Saturday, January 12, 2013

The most dangerous job on earth

This blog is usually about women from the past who have done amazing things and deserve to be more widely recognised but an excellent feature article written by Matt Warren in the latest edition of UK magazine “The Lady”, reinforces the fact that women’s history is being written around the world every day and these extraordinary Afghani policewomen are adding to the current chapter.  Click here to read the article.  

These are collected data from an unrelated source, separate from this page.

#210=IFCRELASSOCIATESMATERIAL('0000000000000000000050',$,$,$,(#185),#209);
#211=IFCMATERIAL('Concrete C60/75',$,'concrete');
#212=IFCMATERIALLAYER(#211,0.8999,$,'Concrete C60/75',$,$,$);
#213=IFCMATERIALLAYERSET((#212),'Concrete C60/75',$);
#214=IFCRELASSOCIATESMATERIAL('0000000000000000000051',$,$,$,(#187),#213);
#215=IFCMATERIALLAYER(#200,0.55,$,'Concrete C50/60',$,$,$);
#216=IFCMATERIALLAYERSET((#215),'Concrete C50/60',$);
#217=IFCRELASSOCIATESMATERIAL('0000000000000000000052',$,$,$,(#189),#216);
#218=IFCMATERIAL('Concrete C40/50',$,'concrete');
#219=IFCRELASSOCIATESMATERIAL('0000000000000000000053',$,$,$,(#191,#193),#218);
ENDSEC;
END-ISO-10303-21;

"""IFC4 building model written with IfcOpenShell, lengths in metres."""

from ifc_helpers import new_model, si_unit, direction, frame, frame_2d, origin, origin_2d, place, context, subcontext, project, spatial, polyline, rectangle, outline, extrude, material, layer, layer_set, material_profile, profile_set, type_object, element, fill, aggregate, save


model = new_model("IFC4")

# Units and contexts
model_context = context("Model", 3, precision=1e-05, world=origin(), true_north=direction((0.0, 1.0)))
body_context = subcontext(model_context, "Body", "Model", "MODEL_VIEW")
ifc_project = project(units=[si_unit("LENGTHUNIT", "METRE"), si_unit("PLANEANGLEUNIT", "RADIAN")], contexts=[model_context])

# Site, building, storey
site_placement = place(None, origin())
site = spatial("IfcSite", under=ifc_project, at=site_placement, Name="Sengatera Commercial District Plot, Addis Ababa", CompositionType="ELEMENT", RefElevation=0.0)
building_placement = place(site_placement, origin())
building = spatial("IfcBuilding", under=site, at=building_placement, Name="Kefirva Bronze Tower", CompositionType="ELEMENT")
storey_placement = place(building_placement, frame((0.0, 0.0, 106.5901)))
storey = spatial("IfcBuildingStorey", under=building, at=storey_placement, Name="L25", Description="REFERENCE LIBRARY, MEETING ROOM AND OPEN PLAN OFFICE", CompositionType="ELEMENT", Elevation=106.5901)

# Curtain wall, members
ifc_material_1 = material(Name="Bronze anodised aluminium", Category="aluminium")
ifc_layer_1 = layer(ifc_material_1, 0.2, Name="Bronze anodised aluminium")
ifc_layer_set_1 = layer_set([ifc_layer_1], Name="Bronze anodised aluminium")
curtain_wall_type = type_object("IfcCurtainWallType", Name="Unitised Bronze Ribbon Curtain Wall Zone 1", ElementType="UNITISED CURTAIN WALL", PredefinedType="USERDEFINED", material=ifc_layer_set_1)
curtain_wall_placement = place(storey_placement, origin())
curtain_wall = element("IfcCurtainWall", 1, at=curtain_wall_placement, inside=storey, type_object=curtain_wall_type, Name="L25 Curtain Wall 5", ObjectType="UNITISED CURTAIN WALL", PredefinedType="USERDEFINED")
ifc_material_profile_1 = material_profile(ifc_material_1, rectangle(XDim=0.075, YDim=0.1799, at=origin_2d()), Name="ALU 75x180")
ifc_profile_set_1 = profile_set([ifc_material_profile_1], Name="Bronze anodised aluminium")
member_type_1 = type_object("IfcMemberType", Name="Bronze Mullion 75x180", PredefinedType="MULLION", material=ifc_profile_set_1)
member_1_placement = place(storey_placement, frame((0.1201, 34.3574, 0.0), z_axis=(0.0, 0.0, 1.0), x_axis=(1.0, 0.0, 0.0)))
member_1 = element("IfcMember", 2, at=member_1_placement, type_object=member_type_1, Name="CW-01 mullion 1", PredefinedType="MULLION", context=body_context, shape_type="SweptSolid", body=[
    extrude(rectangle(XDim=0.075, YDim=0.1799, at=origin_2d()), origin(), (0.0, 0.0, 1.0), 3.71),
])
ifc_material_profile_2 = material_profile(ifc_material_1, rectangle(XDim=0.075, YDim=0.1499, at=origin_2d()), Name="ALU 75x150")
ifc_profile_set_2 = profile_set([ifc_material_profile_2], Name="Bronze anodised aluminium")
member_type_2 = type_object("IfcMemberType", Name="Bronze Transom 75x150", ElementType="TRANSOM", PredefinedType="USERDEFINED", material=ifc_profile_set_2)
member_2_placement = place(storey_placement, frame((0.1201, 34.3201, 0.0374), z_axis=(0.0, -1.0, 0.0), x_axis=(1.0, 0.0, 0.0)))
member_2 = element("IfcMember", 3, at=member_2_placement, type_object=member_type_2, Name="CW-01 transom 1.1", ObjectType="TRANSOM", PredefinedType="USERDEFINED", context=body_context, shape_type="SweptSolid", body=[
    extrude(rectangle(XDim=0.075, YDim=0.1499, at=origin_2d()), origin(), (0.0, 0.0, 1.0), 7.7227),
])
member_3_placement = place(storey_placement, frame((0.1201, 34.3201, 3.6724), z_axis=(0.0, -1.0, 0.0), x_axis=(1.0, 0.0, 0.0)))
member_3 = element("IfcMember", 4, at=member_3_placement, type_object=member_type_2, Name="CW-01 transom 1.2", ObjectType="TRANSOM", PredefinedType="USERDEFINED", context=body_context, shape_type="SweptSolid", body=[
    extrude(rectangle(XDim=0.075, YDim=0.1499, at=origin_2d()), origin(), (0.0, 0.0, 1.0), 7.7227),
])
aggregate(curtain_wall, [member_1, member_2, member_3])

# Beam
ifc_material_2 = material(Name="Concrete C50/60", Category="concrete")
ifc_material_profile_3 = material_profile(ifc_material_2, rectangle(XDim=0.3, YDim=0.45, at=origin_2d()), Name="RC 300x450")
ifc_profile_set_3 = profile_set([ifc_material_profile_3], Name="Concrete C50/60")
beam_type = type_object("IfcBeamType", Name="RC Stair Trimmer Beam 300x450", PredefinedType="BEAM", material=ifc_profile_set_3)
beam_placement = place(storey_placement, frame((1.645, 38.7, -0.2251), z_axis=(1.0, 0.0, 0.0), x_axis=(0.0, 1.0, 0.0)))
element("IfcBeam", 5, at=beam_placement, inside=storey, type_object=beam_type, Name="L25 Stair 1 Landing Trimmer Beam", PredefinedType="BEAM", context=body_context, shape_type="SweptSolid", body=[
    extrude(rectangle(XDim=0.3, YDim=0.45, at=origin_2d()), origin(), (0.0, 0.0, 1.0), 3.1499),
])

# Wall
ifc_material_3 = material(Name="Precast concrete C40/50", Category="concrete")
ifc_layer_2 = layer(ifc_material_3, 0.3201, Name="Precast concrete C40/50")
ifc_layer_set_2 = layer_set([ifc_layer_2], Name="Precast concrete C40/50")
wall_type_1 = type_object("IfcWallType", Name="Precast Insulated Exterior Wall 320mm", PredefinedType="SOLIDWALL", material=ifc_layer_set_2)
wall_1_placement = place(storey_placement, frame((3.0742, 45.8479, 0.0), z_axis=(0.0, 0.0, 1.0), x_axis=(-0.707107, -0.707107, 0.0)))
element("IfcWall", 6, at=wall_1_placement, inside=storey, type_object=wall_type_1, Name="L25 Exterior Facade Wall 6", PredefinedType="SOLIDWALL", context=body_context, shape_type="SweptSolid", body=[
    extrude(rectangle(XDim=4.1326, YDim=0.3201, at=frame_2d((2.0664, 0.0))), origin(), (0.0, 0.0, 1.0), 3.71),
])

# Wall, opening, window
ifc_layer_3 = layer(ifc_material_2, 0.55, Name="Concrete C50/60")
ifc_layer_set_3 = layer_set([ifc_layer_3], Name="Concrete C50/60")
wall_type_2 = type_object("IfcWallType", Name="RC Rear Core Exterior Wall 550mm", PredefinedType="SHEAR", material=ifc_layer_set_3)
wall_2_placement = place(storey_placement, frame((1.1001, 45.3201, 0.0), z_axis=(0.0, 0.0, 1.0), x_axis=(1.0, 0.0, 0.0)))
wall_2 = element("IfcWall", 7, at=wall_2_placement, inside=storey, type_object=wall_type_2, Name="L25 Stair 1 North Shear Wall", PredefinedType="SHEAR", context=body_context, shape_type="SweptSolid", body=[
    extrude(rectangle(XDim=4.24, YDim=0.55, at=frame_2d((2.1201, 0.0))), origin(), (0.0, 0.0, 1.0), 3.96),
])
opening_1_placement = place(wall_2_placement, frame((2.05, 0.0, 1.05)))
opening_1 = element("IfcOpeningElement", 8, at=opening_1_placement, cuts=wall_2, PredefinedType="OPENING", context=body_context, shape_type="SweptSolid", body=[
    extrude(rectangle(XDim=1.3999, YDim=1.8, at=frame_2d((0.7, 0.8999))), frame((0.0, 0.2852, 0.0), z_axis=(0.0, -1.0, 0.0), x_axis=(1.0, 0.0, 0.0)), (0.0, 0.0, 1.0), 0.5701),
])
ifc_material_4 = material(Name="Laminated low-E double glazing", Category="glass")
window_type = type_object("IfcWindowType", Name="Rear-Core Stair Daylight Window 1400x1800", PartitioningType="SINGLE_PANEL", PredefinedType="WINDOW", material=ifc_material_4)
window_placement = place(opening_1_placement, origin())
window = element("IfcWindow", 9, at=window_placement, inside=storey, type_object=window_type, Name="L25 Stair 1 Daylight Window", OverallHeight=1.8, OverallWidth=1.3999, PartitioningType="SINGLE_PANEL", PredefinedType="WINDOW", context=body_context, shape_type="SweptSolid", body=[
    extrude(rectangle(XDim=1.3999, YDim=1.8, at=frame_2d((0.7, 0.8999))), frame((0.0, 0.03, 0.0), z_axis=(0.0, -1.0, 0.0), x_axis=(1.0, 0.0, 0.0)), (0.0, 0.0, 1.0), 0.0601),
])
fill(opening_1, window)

But being women does not make them immune to living under the extreme pressures of their jobs, plus the coercion, corruption and conflicts of loyalty that have been reflected in the growing green on blue” assassinations by rogue officers, with one of the most recent being perpetrated by one of these policewomen. This UK Daily Telegraph article suggests that the woman was an Iranian who suffered a psychological breakdown and was not related to her membership of an opposition group.  In a country like Afghanistan no-one can ever be sure of the truth, but the dedication and bravery of the majority of these women should not be underestimated.

Photo: AFP

Friday, January 4, 2013

The Only Woman in the Room

Sometimes you come across a news story that is important to women’s history and you ask yourself, “Why didn’t I know this before?”
Such is the case with this report from the New York Times about Beate Gordon, the “unsung heroine of Japanese women’s rights” who has only just died.
It makes me wonder how many other women there are - some of them still living - who have been involved in ground-breaking advancement in the rights of women in all corners of the world and who have either been forgotten, deliberately ignored or sidelined.
I am sorry, Beate, that I knew nothing of your admirable life and achievements until now, although I am glad others are keeping your legacy going.
Beate wrote her biography in 1999. It seems to be out of print but hopefully it will now be reissued.